In fact, THN care management nurse Pam Faulkner said Martin, 58, has not been hospitalized at all since joining the program in January. In the six months before that, she visited the emergency room six times, each visit resulting in a hospital stay of about a week.
“So she was living at home about three weeks a month,” Faulkner said last week during one of her periodic visits to Martin’s apartment on Phillips Avenue. “Miss Georgia has really embraced the teachings of our Triad HealthCare Network,” Faulkner said. “She’s changed her diet, weighs herself daily and checks her blood sugar.”
10 visits to the ER
Patients usually come to the program’s attention by one of two, major routes: They are referred to the network by one of roughly 1,000 THN-affiliated providers of medical services, or they visit the emergency room 10 times or more in any six-month period. Cross the 10-visit threshold and members of the care management team get an alert from the hospital that you might need their help.
When someone comes to the attention of Rumple’s staff as needing a boost to manage his or her chronic disease more effectively, the care management staff consults with the patient’s physician and then contacts the person by phone, Rumple said.
Team members focus particularly on three common causes of repeat hospitalization: heart failure, diabetes and chronic obstructive pulmonary disease, or COPD, a breathing disorder. The program is completely voluntary, and there are no penalties or repercussions for the patient who declines help, she said.
“Patients are ready for us at different times,” Rumple said. “We’re not going to drag you around by your toes to participate.”
At any one time, the THN care management team works by phone or in person with a roster of about 600 Medicare patients and several hundred others across Cone Health’s five-county domain.
The obstacles they help people circumvent range from the strictly medical to basic problems of daily life that can interfere with a patient’s efforts to cope with his or her condition. For example, people confined to a wheelchair by a disease might be living in a house that’s only readily accessible by foot. But that person resists asking the landlord to help out, Rumple said. So a care manager intercedes on the patient’s behalf to get the place wheelchair accessible, she said.
“Almost every landlord that we have requested to build a ramp for their tenant, they have built the ramp,” Rumple said. “But sometimes, people don’t make those requests on their own out of fear for what the repercussions might be.”
Care managers work as intensively as needed with new patients, then less frequently as the person gets a better handle on chronic ailments and knows how to use the THN safety net that includes telephone counseling and pharmacy consultants.
Enjoying life again
Farmer touches base with Richardson occasionally now, but she worked with him more frequently when they were trying to stabilize his situation. She helped him get some of his medicine at more affordable prices. And she even played a key role in helping him ward off medical complications by increasing his level of physical activity.

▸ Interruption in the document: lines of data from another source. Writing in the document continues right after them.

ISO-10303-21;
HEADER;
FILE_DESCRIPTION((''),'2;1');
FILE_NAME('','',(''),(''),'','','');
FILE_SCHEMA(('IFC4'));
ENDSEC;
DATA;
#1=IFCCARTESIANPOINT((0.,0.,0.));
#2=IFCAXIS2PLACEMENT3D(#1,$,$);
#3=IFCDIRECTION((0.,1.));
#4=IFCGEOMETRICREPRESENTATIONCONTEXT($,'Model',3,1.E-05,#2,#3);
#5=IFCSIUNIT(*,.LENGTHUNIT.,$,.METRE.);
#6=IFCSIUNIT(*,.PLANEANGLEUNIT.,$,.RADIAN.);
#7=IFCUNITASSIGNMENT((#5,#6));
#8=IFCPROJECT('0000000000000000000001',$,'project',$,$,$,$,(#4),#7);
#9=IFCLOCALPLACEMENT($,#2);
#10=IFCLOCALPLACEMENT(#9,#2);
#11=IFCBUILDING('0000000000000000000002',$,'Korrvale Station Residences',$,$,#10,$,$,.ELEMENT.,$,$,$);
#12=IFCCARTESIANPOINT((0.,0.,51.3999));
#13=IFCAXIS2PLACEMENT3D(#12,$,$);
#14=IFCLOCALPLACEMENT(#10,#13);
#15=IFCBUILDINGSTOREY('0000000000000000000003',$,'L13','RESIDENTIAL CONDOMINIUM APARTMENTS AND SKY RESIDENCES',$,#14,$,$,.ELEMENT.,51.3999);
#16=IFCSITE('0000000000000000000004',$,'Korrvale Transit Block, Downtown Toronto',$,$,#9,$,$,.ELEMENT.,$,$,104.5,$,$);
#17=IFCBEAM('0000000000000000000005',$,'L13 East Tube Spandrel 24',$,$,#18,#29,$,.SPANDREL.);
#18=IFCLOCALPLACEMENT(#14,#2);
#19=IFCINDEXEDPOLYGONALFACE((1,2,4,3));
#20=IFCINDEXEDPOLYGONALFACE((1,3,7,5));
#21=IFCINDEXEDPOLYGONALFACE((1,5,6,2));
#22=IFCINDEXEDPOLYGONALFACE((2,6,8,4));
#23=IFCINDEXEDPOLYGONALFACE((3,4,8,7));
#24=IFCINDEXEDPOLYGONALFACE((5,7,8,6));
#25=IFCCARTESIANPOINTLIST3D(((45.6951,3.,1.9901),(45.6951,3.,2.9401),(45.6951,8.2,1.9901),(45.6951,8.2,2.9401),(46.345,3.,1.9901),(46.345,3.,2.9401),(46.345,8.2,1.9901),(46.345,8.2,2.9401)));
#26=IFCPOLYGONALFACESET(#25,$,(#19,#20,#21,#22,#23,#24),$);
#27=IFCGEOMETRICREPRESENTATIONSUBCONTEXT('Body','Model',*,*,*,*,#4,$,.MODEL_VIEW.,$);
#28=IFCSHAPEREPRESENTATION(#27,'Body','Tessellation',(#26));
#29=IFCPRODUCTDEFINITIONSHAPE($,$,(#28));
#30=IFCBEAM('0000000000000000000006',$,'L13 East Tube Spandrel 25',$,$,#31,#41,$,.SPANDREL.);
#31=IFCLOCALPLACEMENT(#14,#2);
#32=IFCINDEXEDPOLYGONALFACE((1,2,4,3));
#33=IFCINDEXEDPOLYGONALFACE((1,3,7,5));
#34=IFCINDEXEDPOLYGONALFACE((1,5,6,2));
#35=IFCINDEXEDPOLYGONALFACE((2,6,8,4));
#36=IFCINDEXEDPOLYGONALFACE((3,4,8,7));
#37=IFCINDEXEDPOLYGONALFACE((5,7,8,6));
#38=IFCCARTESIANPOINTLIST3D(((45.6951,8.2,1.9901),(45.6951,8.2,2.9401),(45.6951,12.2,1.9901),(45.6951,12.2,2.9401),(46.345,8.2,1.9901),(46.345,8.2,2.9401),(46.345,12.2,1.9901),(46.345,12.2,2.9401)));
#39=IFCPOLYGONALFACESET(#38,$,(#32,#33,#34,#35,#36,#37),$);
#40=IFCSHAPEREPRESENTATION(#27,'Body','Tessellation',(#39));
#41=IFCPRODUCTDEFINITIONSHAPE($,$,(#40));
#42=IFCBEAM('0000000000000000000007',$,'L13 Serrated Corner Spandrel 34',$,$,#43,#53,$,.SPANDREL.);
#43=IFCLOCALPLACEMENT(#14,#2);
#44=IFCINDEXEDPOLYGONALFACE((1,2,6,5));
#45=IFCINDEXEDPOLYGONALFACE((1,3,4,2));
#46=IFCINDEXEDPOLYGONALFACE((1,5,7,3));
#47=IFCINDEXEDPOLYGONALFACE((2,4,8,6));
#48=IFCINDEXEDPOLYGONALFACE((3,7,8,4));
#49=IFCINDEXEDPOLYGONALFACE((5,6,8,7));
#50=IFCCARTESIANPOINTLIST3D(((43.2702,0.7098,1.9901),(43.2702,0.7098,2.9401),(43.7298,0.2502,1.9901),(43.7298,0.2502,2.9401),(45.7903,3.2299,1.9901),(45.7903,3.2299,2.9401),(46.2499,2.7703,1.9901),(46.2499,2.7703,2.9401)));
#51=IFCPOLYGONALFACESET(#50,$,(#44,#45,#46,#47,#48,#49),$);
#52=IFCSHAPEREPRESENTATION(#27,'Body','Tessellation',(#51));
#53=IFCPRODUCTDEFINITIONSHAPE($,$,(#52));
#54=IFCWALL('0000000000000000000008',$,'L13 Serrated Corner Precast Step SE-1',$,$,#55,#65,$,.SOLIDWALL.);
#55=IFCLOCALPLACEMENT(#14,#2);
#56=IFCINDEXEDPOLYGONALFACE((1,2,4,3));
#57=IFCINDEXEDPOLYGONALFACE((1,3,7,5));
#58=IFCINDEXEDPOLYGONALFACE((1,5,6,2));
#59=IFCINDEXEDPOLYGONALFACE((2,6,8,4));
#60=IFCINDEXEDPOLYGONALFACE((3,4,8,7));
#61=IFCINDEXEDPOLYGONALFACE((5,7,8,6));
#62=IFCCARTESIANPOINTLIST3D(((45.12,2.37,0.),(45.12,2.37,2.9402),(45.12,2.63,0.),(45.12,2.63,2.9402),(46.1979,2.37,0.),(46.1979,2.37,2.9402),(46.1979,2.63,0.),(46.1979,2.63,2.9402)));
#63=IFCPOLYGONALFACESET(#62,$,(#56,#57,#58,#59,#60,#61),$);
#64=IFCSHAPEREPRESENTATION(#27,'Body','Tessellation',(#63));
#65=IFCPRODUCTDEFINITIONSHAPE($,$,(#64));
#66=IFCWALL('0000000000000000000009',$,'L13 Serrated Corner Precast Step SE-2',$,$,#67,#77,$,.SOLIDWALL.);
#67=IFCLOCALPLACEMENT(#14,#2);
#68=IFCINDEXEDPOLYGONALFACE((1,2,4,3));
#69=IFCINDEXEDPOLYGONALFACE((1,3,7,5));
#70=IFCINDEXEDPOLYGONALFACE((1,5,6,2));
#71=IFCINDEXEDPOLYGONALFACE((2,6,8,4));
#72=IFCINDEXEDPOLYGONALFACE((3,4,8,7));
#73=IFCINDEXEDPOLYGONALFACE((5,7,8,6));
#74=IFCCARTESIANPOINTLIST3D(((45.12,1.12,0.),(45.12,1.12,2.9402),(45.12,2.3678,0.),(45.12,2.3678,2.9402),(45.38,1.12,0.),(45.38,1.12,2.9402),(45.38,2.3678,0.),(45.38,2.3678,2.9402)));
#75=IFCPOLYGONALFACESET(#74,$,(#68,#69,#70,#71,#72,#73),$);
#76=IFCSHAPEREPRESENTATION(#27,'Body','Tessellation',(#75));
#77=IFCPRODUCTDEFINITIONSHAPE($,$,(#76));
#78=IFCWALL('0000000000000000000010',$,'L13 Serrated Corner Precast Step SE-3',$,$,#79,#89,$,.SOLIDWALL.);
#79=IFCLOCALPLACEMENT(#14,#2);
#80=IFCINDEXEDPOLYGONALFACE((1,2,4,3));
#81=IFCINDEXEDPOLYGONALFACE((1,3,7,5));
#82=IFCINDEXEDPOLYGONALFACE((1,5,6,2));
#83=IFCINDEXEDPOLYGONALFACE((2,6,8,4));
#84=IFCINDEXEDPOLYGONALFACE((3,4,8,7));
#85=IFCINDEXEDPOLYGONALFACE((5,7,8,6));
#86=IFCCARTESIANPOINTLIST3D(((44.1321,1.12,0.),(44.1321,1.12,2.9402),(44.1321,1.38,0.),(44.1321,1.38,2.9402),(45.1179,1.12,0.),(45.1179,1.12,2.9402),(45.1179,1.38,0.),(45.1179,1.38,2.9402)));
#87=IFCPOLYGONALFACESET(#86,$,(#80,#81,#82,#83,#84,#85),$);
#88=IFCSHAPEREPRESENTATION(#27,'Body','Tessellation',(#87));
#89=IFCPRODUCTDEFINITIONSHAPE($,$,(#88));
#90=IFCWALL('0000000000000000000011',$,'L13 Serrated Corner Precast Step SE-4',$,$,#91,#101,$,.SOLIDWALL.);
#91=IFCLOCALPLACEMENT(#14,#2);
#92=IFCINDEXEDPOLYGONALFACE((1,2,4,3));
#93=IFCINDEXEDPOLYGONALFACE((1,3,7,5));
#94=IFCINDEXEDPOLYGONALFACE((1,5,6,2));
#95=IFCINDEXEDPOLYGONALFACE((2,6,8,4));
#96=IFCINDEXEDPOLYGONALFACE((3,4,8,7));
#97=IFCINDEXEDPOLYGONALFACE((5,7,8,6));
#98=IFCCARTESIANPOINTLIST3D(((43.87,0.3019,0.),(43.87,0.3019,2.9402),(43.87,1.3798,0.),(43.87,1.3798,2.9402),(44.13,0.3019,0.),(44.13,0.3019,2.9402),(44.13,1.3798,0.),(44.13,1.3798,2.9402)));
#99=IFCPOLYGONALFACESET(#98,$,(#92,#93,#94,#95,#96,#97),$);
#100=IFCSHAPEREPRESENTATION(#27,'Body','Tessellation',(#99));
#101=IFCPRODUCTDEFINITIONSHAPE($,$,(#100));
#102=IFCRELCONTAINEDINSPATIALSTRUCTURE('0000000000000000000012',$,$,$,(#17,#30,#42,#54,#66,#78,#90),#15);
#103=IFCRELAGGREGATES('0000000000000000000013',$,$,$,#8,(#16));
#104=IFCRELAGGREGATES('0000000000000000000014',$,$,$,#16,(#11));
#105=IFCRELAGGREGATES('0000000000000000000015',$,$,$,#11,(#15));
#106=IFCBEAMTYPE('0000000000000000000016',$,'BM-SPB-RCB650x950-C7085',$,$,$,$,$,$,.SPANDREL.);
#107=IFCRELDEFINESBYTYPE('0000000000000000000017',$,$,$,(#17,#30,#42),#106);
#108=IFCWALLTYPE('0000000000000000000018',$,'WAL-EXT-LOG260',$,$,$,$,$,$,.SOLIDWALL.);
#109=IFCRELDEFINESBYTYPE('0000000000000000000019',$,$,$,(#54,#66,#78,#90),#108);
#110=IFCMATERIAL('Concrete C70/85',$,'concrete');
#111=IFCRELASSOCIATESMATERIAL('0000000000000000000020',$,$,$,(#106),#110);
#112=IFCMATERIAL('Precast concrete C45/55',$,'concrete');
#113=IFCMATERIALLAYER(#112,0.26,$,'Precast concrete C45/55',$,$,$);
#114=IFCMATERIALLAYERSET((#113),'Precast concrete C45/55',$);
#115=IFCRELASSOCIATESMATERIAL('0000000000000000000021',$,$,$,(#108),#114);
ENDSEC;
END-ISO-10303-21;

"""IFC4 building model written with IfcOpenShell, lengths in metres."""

from ifc_helpers import new_model, si_unit, direction, frame, frame_2d, origin, origin_2d, place, context, subcontext, project, spatial, rectangle, extrude, material, layer, layer_set, material_profile, profile_set, type_object, element, save


model = new_model("IFC4")

# Units and contexts
model_context = context("Model", 3, precision=1e-05, world=origin(), true_north=direction((0.0, 1.0)))
body_context = subcontext(model_context, "Body", "Model", "MODEL_VIEW")
ifc_project = project(units=[si_unit("LENGTHUNIT", "METRE"), si_unit("PLANEANGLEUNIT", "RADIAN")], contexts=[model_context])

# Site, building, storey
site_placement = place(None, origin())
site = spatial("IfcSite", under=ifc_project, at=site_placement, Name="Korrvale Transit Block, Downtown Toronto", CompositionType="ELEMENT", RefElevation=104.5)
building_placement = place(site_placement, origin())
building = spatial("IfcBuilding", under=site, at=building_placement, Name="Korrvale Station Residences", CompositionType="ELEMENT")
storey_placement = place(building_placement, frame((0.0, 0.0, 51.3999)))
storey = spatial("IfcBuildingStorey", under=building, at=storey_placement, Name="L13", Description="RESIDENTIAL CONDOMINIUM APARTMENTS AND SKY RESIDENCES", CompositionType="ELEMENT", Elevation=51.3999)

# Shared definitions
ifc_material_1 = material(Name="Concrete C70/85", Category="concrete")

# Beams
ifc_material_profile_1 = material_profile(ifc_material_1, rectangle(XDim=0.6499, YDim=0.95, at=origin_2d()), Name="RCB650x950")
ifc_profile_set_1 = profile_set([ifc_material_profile_1], Name="Concrete C70/85")
beam_type_1 = type_object("IfcBeamType", Name="BM-SPB-RCB650x950-C7085", PredefinedType="SPANDREL", material=ifc_profile_set_1)
beam_1_placement = place(storey_placement, frame((46.02, 3.0, 2.4651), z_axis=(0.0, 1.0, 0.0), x_axis=(-1.0, 0.0, 0.0)))
element("IfcBeam", 1, at=beam_1_placement, inside=storey, type_object=beam_type_1, Name="L13 East Tube Spandrel 24", PredefinedType="SPANDREL", context=body_context, shape_type="SweptSolid", body=[
    extrude(rectangle(XDim=0.6499, YDim=0.95, at=origin_2d()), origin(), (0.0, 0.0, 1.0), 5.2),
])
beam_2_placement = place(storey_placement, frame((46.02, 8.2, 2.4651), z_axis=(0.0, 1.0, 0.0), x_axis=(-1.0, 0.0, 0.0)))
element("IfcBeam", 2, at=beam_2_placement, inside=storey, type_object=beam_type_1, Name="L13 East Tube Spandrel 25", PredefinedType="SPANDREL", context=body_context, shape_type="SweptSolid", body=[
    extrude(rectangle(XDim=0.6499, YDim=0.95, at=origin_2d()), origin(), (0.0, 0.0, 1.0), 4.0),
])
beam_3_placement = place(storey_placement, frame((43.5, 0.48, 2.4651), z_axis=(0.707107, 0.707107, 0.0), x_axis=(-0.707107, 0.707107, 0.0)))
element("IfcBeam", 3, at=beam_3_placement, inside=storey, type_object=beam_type_1, Name="L13 Serrated Corner Spandrel 34", PredefinedType="SPANDREL", context=body_context, shape_type="SweptSolid", body=[
    extrude(rectangle(XDim=0.6499, YDim=0.95, at=origin_2d()), origin(), (0.0, 0.0, 1.0), 3.564),
])

# Walls
ifc_material_2 = material(Name="Precast concrete C45/55", Category="concrete")
ifc_layer_1 = layer(ifc_material_2, 0.26, Name="Precast concrete C45/55")
ifc_layer_set_1 = layer_set([ifc_layer_1], Name="Precast concrete C45/55")
wall_type_1 = type_object("IfcWallType", Name="WAL-EXT-LOG260", PredefinedType="SOLIDWALL", material=ifc_layer_set_1)
wall_1_placement = place(storey_placement, frame((46.198, 2.5, 0.0), z_axis=(0.0, 0.0, 1.0), x_axis=(-1.0, 0.0, 0.0)))
element("IfcWall", 4, at=wall_1_placement, inside=storey, type_object=wall_type_1, Name="L13 Serrated Corner Precast Step SE-1", PredefinedType="SOLIDWALL", context=body_context, shape_type="SweptSolid", body=[
    extrude(rectangle(XDim=1.0779, YDim=0.26, at=frame_2d((0.5391, 0.0))), origin(), (0.0, 0.0, 1.0), 2.9402),
])
wall_2_placement = place(storey_placement, frame((45.25, 2.3679, 0.0), z_axis=(0.0, 0.0, 1.0), x_axis=(0.0, -1.0, 0.0)))
element("IfcWall", 5, at=wall_2_placement, inside=storey, type_object=wall_type_1, Name="L13 Serrated Corner Precast Step SE-2", PredefinedType="SOLIDWALL", context=body_context, shape_type="SweptSolid", body=[
    extrude(rectangle(XDim=1.2478, YDim=0.26, at=frame_2d((0.624, 0.0))), origin(), (0.0, 0.0, 1.0), 2.9402),
])
wall_3_placement = place(storey_placement, frame((45.1179, 1.25, 0.0), z_axis=(0.0, 0.0, 1.0), x_axis=(-1.0, 0.0, 0.0)))
element("IfcWall", 6, at=wall_3_placement, inside=storey, type_object=wall_type_1, Name="L13 Serrated Corner Precast Step SE-3", PredefinedType="SOLIDWALL", context=body_context, shape_type="SweptSolid", body=[
    extrude(rectangle(XDim=0.9858, YDim=0.26, at=frame_2d((0.4929, 0.0))), origin(), (0.0, 0.0, 1.0), 2.9402),
])
wall_4_placement = place(storey_placement, frame((44.0, 1.3799, 0.0), z_axis=(0.0, 0.0, 1.0), x_axis=(0.0, -1.0, 0.0)))
element("IfcWall", 7, at=wall_4_placement, inside=storey, type_object=wall_type_1, Name="L13 Serrated Corner Precast Step SE-4", PredefinedType="SOLIDWALL", context=body_context, shape_type="SweptSolid", body=[
    extrude(rectangle(XDim=1.0779, YDim=0.26, at=frame_2d((0.5391, 0.0))), origin(), (0.0, 0.0, 1.0), 2.9402),
])

save(model, "model.ifc")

“I said to him one day, ‘Joe, are you getting any kind of exercise?’ ” she recalled. No, Richardson said, adding that he would like to join the Eden Family YMCA but couldn’t afford the initiation fee and monthly dues. So Farmer called the YMCA and asked an administrator if there were any options for someone in Richardson’s position. “She said, ‘We just happen to have a scholarship program’ at a lower monthly rate,” Farmer said. Now, Richardson goes to the gym most weekdays to tackle the elliptical machine, dumbbells and weight machines in a routine that probably would have landed him in the hospital not all that long ago.
“I work at my own pace. I don’t try to blow it out of the water,” he said. Then he goes home to pursue a newly energized life that includes volunteering with Meals on Wheels, baby-sitting nieces and nephews “when needed,” and dressing up to portray Santa Claus during the Christmas season.
“The main thing is to enjoy life,” Richardson said. “I really enjoy life.”